Fig. 11. (a) Historical trend of parameter  $A_{\beta}$ . (b) Historical trend of parameter  $A_{V_{T0}}$  [34].

Assume that the synapse size defines the achievable cell density

Density 
$$\propto \frac{1}{L_X \cdot L_Y}$$
 (13)

where  $L_X$  and  $L_Y$  are the synapse width and length. As technologies scale down, *Density* might hence evolve as

$$Density_{new} = \lambda^2 \cdot Density_{old}.$$
 (14)

Another important parameter is the time constant which can be expressed as

$$\tau = C/g_m. \tag{15}$$

In the case that one transistor is employed to realize the synapse [32], [33], the transconductance parameter is approximately given by

$$g_m = \beta \cdot (V_D - V_S) = \mu_o \cdot C_{\text{ox}} \cdot S \cdot w$$
(16)

where w is the weight control signal.

On the other hand, assuming that the capacitor is implemented by using the gate capacitance of an MOS transistor, the capacitance value neglecting border effects is approximately given by

$$C \cong C_{\rm ox} \cdot A. \tag{17}$$

From (16) and (17), the time constant becomes

$$\tau = \frac{1}{\mu_o \cdot w} \cdot \frac{A}{S}.$$
 (18)

Hence, it might ideally scale as

$$\tau_{\rm new} = \tau_{\rm old} \cdot \lambda^{-2}.$$
 (19)

Unfortunately, the density and speed enhancements reported by (14) and (19) cannot be realized in practice due to the necessity of keeping the analog accuracy. The question is, what happens with the technological parameters related to the accuracy when the technology scales down? Do they also scale down? The answer is that not all of them scale as feature size does. The historical trend shows [34] that scaling down produces a reduction of the main parameter related to  $V_{T0}$  mismatching, namely the parameter,  $A_{V_{T0}}$ [see Fig. 11(a)]. However, as already mentioned, accuracy in the behavior of the one transistor synapse is mainly affected by random fluctuations on the parameter  $\beta$  [32], [33]. Errors of the synapse current are approximately given by

$$\frac{\sigma_I^2}{I_{\max}^2} \approx \frac{A_\beta^2}{A}.$$
(20)

Fig. 11(b) shows that the  $A_{\beta}$  parameter has remained practically unchanged as feature size was scaled down. Hence, synapse errors evolve as

$$\frac{\sigma_I^2|_{\text{new}}}{I_{\text{max}}^2|_{\text{new}}} \approx \frac{A_{\text{old}}}{A_{\text{new}}} \frac{\sigma_I^2|_{\text{old}}}{I_{\text{max}}^2|_{\text{old}}}.$$
(21)

Consequently, if transistors are designed such that their channel areas are scaled down by  $\lambda^2$ , then, the relative error  $\varepsilon = \sigma_I / I_{\text{max}}$  will grow according to

$$\varepsilon_{\text{new}} = \varepsilon_{\text{old}} \cdot \lambda \tag{22}$$

Accuracy can only be kept by maintaining approximately the same absolute channel area. Of course this statement is valid provided that the empirical trend depicted in Fig. 11(b) remains.

#### C. Design Tradeoffs

Among many other things, analog design art consists mainly in the combination of many design equations involving area occupation, power consumption, speed, and accuracy. Typically, the objective is to meet the design requirements by minimizing (or maximizing) a certain figure of merit (FOM), using the channel areas and aspect ratios of the transistors as design variables.

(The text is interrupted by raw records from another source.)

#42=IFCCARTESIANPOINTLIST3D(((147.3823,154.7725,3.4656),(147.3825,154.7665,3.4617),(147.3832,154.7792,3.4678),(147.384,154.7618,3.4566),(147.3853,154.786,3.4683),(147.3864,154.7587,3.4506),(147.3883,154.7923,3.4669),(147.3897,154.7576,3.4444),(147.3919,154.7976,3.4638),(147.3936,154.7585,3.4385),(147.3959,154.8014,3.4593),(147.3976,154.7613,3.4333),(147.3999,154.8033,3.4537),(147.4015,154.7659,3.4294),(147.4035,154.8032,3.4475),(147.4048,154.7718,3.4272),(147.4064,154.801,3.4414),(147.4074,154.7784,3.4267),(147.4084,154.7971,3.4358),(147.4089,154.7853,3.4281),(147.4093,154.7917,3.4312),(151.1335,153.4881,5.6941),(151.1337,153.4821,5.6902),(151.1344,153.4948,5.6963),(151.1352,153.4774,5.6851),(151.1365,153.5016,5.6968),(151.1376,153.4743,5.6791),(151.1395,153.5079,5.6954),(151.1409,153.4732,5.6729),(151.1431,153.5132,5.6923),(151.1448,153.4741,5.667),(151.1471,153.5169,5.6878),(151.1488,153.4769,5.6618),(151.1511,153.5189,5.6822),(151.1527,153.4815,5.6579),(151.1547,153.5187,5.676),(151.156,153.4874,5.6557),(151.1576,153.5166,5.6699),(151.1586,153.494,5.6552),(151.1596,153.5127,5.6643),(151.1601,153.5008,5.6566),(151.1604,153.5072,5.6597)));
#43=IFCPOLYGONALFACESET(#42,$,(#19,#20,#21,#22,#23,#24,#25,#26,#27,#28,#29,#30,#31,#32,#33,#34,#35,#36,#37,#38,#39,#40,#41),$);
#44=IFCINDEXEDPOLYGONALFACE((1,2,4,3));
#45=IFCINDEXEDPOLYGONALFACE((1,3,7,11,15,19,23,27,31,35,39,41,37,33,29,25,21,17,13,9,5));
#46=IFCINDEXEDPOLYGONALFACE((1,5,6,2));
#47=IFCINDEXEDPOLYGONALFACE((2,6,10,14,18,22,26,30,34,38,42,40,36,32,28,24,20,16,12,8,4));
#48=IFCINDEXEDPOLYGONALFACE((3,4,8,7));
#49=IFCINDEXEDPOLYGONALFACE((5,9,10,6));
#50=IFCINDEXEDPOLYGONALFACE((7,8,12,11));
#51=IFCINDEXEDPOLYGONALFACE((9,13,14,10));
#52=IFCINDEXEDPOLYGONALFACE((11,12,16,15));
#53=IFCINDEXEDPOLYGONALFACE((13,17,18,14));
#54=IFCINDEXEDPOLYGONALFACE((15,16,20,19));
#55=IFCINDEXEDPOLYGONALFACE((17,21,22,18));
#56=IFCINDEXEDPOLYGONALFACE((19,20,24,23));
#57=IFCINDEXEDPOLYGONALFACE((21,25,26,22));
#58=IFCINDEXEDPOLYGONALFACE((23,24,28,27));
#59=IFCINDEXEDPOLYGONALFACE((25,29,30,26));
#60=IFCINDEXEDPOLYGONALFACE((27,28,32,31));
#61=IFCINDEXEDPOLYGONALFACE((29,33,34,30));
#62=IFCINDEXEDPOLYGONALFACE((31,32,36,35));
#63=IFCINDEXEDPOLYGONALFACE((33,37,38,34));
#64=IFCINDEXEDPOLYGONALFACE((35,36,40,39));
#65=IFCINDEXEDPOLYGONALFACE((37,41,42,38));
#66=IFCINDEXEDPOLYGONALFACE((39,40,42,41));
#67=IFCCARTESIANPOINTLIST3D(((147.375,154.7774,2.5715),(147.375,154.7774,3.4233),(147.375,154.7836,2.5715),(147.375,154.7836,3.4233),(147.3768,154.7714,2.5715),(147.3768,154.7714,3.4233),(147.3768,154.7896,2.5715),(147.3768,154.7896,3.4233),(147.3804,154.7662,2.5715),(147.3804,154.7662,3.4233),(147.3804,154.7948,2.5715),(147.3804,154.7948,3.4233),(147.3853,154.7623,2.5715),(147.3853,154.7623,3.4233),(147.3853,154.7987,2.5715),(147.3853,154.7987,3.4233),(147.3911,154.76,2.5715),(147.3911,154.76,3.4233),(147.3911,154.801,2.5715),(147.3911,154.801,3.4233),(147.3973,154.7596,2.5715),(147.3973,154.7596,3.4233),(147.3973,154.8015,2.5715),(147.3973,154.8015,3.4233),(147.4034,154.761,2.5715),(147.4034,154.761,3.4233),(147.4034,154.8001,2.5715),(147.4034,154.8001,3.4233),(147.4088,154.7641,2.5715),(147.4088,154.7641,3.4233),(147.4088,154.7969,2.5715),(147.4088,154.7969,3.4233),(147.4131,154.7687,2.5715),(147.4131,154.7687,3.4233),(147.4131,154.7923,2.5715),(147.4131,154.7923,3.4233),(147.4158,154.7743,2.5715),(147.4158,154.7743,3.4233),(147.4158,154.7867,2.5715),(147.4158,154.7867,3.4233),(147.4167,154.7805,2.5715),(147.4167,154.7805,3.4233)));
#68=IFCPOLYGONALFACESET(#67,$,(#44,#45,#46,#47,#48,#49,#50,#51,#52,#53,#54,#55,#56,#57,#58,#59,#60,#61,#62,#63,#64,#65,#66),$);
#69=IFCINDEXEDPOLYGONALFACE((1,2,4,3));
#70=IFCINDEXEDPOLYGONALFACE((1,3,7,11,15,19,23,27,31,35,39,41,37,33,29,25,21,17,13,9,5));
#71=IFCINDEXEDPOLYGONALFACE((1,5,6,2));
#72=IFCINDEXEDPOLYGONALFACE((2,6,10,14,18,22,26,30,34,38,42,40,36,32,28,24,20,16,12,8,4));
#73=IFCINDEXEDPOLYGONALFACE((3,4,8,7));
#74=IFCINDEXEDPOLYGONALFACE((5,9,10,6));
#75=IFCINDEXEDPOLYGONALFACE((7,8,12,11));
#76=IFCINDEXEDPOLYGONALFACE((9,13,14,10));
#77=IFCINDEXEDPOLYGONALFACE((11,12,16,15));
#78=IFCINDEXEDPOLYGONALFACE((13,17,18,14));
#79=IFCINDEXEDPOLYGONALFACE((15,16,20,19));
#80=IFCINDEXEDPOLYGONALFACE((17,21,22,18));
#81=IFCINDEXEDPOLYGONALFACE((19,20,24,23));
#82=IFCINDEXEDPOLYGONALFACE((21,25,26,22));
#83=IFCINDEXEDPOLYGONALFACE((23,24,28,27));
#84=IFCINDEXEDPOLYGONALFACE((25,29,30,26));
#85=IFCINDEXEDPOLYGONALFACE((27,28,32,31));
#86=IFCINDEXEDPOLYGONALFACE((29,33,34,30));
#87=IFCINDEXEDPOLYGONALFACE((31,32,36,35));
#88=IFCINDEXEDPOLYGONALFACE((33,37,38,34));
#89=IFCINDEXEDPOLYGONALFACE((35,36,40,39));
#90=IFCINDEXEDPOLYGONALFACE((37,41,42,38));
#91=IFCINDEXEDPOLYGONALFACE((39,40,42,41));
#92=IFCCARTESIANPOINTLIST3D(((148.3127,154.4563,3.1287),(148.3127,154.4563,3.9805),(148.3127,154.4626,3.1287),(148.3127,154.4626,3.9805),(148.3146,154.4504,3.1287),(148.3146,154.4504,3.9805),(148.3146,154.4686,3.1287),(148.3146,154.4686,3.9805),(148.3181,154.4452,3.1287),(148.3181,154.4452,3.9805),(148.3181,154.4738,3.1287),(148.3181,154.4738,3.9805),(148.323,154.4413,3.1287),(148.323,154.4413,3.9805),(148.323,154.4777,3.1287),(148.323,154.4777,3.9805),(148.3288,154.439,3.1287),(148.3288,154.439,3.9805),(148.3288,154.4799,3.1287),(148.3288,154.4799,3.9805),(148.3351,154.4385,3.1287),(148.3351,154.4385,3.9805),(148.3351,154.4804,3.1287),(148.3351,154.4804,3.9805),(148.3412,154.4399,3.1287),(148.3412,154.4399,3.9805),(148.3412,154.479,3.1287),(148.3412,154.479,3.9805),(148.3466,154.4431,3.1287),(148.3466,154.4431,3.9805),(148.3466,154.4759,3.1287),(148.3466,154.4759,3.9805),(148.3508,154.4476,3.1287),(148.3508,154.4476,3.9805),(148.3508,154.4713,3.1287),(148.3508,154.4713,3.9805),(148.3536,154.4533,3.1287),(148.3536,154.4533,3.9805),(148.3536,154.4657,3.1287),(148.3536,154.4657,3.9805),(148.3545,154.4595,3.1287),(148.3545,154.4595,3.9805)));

Unfortunately, as already highlighted in previous section, it is not possible to optimize all figures simultaneously; instead, tradeoffs among the different figures must be considered.

1) Accuracy Versus Density: The dependence of mismatch on the channel aspect ratio is low for moderately large values of the channel areas. Due to this, the channel area A is constrained by the required accuracy and it may therefore be said that the precision P satisfies

$$P^{-2} = \frac{A_{\beta}^2}{A} \tag{23}$$

where P is defined as

$$P = \frac{I_{\max}}{\sigma_I}.$$
 (24)

On the other hand, the density of synapses, that is, the number of synapses per area unit, can be basically expressed as

$$Density = \frac{K_{area}}{A}$$
(25)

where  $K_{\text{area}}$  is a constant which includes the influence of the routing lines and diffusion regions on the achievable density.

Hence, a first tradeoff can be formulated as

$$\frac{P^{-2}}{\text{Density}} = A_{\beta}^2 \cdot K_{\text{area}}.$$
 (26)

Accordingly, maximum achievable accuracy and cell density cannot be optimized separately since the greater the accuracy, the smaller the density and vice versa.

2) Speed Versus Power: The maximum power consumption of a synapse is expressed as

$$Pow = V \cdot I = w_{\max} \cdot \mu_o C_{ox} S \cdot x_{\max} \cdot w_{\max}$$
$$= \mu_o \cdot C_{ox} \cdot S \cdot w_{\max}^2 \cdot x_{\max}$$
(27)

while the minimum time constant, corresponding to the maximum weight value, is given by

$$\tau = \frac{1}{\mu_o \cdot w_{\text{max}}} \cdot \frac{A}{S} = \text{Speed}^{-1}.$$
 (28)

Therefore,

$$\frac{\text{Pow}}{\text{Speed}} = A \cdot C_{\text{ox}} \cdot x_{\text{max}} \cdot w_{\text{max}}.$$
(29)

Consequently, it seems that the only way to minimize this figure, i.e., reduce the power consumption and increase the speed, is by reducing the synapse area. Nevertheless, this automatically leads to a reduction of the achievable accuracy. On the other hand, reducing the signal ranges,  $x_{\max}$  or  $w_{\max}$ , will directly degrade the signal-to-noise ratio (SNR) and thus the accuracy.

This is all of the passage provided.